I remember a game one steamy August which had already had two rain delays in it, when the crowd was quite thin, and in the late innings, every time a foul ball came to the upper deck, the fans would all chant "Give it to a kid! Give it to a kid!" One guy made a perfect catch and held his arms up in triumph, only to get booed roundly until he handed it to a child nearby. Then he got cheered.

I remember the old chants of "Boston sucks," back when that meant something, and I remember the origination of the two-strike clap (which it seems only happens on Saturdays now). I remember the roll call, and Freddie and the pan, and the exuberant post-911 chants of "No Game Six!" in the 2001 ALCS, the thunderous chanting of "Derek Jeter!" after he flipped into the camera pit in 2001 ALDS. I remember how the upper deck shook when Carl Everett got picked off first base by Roger Clemens in a Memorial Day weekend showdown between Clemens and Pedro. (Damn you, Trot Nixon.)

So, it's the crowd I remember. The same crowd that actually cheers for the "subway race" on the scoreboard and sings God Bless America.

The same crowd that'll be at the new stadium. See you there.

Cecilia Tan is the editor of Bombers Broadside and writes the blog Why I Like Baseball.

Comments
2008-10-03 10:06:17
1.   YankeeInMichigan
In 1974, the Yanks were playing in Shea. Even Retrosheet can't bail out your memory on this one.
2008-10-03 10:53:10
2.   Sliced Bread
What a great read.
Best one in this series if you ask me.
The right/left subway game: priceless.
Thanks, Ms. Tan.
2008-10-03 13:17:45
3.   JL25and3
If I ever catch a foul ball (or home run), there's not a chance I'm giving it to a kid. It would mean much, much more to me than to him.

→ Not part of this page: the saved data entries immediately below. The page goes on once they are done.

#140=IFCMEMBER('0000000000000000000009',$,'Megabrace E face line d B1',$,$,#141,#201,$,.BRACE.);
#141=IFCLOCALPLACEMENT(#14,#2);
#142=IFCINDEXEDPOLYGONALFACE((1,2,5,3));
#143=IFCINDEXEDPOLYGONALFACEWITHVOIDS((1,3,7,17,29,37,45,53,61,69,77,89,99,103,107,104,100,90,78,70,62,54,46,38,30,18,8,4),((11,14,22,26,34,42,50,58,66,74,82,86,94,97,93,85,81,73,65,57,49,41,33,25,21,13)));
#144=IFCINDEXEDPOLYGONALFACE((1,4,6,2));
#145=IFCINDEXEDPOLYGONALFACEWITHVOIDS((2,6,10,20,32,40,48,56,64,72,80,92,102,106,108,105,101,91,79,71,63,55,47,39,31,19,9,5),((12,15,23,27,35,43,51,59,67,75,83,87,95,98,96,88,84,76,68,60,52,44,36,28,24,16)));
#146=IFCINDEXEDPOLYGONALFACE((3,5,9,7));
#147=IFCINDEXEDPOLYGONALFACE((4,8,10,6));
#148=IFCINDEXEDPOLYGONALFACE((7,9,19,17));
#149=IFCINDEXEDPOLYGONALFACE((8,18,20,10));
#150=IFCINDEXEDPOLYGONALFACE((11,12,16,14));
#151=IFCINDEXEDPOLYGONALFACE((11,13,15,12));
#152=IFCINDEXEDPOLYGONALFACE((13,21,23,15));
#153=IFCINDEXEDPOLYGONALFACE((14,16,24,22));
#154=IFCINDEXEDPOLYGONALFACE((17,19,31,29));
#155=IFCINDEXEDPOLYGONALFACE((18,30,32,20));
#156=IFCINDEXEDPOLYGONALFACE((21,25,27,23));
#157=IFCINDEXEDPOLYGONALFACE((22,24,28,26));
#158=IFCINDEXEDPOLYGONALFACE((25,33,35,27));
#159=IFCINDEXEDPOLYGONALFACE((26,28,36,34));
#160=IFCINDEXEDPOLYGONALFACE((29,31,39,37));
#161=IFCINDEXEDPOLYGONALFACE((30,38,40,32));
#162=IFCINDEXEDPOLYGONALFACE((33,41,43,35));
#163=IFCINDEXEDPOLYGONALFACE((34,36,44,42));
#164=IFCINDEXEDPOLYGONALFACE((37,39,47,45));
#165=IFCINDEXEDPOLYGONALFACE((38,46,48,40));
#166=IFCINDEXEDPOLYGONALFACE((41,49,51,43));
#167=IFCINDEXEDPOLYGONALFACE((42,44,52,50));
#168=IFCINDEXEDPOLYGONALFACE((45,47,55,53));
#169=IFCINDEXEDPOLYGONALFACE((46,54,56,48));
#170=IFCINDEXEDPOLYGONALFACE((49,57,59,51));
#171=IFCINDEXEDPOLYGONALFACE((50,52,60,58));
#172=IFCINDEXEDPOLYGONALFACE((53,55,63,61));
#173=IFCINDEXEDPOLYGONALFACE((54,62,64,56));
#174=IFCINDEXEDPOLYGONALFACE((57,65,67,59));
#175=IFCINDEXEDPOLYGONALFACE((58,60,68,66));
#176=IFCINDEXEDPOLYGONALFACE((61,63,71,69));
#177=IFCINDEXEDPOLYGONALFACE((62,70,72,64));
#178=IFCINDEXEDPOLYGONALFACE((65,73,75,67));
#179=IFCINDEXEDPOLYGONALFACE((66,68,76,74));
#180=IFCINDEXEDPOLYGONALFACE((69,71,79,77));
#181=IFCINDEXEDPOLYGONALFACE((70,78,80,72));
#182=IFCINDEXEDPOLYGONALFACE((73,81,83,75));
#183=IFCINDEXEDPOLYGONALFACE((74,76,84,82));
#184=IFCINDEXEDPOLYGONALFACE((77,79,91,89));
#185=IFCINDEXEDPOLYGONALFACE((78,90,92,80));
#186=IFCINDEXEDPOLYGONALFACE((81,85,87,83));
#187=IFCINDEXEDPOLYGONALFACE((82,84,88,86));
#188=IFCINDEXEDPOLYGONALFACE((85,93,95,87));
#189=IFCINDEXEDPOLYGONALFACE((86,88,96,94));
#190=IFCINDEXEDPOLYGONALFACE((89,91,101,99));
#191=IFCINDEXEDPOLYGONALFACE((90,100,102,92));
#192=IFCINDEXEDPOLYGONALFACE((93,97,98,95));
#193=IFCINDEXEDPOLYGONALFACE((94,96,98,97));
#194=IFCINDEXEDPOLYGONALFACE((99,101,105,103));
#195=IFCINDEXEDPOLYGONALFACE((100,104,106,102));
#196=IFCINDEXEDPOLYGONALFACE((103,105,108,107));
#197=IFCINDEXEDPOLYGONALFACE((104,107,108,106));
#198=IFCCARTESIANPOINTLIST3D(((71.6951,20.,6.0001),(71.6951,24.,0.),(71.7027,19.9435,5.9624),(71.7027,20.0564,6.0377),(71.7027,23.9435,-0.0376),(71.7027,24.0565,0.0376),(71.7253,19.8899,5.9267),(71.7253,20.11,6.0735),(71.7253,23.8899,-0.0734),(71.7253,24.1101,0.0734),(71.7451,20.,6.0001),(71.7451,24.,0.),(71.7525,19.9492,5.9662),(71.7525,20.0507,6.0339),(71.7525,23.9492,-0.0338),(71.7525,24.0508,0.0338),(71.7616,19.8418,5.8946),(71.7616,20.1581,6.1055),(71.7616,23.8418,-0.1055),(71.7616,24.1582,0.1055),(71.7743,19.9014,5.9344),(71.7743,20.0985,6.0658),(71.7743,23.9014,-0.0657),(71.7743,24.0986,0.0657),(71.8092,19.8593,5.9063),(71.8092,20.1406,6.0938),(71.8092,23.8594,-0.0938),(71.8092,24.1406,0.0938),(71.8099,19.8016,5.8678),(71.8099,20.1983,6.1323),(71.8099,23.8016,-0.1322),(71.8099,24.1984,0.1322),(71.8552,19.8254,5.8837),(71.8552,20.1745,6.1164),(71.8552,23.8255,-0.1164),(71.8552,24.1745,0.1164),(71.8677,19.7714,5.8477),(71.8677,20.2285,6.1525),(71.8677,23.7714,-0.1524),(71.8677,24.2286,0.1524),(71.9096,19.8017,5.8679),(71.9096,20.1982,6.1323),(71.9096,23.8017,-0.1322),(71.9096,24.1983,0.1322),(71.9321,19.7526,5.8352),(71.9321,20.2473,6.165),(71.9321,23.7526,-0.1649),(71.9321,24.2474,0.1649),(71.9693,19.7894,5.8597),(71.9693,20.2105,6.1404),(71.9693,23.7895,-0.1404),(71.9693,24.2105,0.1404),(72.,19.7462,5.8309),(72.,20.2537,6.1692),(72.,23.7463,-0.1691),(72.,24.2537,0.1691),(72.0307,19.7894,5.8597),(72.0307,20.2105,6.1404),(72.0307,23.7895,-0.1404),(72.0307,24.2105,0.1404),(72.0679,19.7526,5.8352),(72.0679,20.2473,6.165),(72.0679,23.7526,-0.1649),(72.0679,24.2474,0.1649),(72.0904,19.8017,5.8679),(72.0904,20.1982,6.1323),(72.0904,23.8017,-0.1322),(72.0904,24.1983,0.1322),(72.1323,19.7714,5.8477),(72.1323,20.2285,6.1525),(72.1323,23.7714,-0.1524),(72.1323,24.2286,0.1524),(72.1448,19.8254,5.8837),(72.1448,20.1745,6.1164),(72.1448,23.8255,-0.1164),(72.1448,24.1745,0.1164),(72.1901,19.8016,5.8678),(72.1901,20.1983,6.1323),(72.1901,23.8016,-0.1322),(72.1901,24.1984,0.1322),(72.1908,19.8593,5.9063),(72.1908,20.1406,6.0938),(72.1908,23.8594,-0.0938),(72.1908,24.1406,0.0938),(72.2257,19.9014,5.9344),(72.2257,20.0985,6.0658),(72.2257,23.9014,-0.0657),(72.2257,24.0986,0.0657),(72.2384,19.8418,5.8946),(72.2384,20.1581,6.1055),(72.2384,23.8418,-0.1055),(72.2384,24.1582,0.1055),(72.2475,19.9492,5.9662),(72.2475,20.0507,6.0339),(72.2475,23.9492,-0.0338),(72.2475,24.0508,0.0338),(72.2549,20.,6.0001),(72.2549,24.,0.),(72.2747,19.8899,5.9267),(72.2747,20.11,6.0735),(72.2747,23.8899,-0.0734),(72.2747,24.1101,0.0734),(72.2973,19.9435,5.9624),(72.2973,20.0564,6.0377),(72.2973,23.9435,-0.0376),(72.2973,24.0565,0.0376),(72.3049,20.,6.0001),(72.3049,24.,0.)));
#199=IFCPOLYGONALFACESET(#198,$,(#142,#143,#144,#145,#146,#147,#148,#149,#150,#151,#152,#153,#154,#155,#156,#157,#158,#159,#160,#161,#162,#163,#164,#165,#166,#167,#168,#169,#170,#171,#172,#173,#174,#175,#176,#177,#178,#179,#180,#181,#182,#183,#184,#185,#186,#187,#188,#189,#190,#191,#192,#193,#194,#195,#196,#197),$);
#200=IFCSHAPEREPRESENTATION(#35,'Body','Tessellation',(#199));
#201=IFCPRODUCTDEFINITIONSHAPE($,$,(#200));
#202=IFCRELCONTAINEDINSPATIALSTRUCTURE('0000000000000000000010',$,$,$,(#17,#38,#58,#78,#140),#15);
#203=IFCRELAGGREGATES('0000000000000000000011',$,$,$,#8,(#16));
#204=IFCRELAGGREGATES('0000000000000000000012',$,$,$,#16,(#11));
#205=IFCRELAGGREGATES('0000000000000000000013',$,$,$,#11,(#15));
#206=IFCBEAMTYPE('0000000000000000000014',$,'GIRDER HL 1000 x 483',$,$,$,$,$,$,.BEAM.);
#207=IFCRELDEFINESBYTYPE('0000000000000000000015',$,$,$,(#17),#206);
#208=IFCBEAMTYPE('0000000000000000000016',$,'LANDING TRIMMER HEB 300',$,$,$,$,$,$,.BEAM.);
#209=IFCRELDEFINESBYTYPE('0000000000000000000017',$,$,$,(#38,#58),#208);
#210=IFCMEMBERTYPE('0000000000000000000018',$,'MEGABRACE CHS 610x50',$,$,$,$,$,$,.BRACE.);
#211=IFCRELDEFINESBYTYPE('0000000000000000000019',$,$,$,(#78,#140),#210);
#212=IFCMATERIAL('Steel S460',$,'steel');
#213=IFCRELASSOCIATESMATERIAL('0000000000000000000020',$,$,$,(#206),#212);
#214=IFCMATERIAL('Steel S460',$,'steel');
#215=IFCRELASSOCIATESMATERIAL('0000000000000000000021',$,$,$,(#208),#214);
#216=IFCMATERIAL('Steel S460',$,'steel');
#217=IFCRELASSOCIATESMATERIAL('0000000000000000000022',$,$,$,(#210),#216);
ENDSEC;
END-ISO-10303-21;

Pay your dues, kid. You come to games for 45 years, then we'll talk about it.

2008-10-03 14:08:08
4.   Biscuit Pants
Murcer did hit a grand slam on 7/25/71 and 8/4/72, his only salamis during his first tour with the Yanks.

Source:Baseball-Reference.com

2008-10-03 14:14:24
5.   Biscuit Pants
4 The 7/25/71 Grand Slam was as a pinch hitter against Milwaukee. Murcer repeated the feat almost 10 years later on 4/9/81 against Texas.
2008-10-03 22:28:31
6.   ctan
Duh, typo. 1972. Unless I was five years old for three years running or something.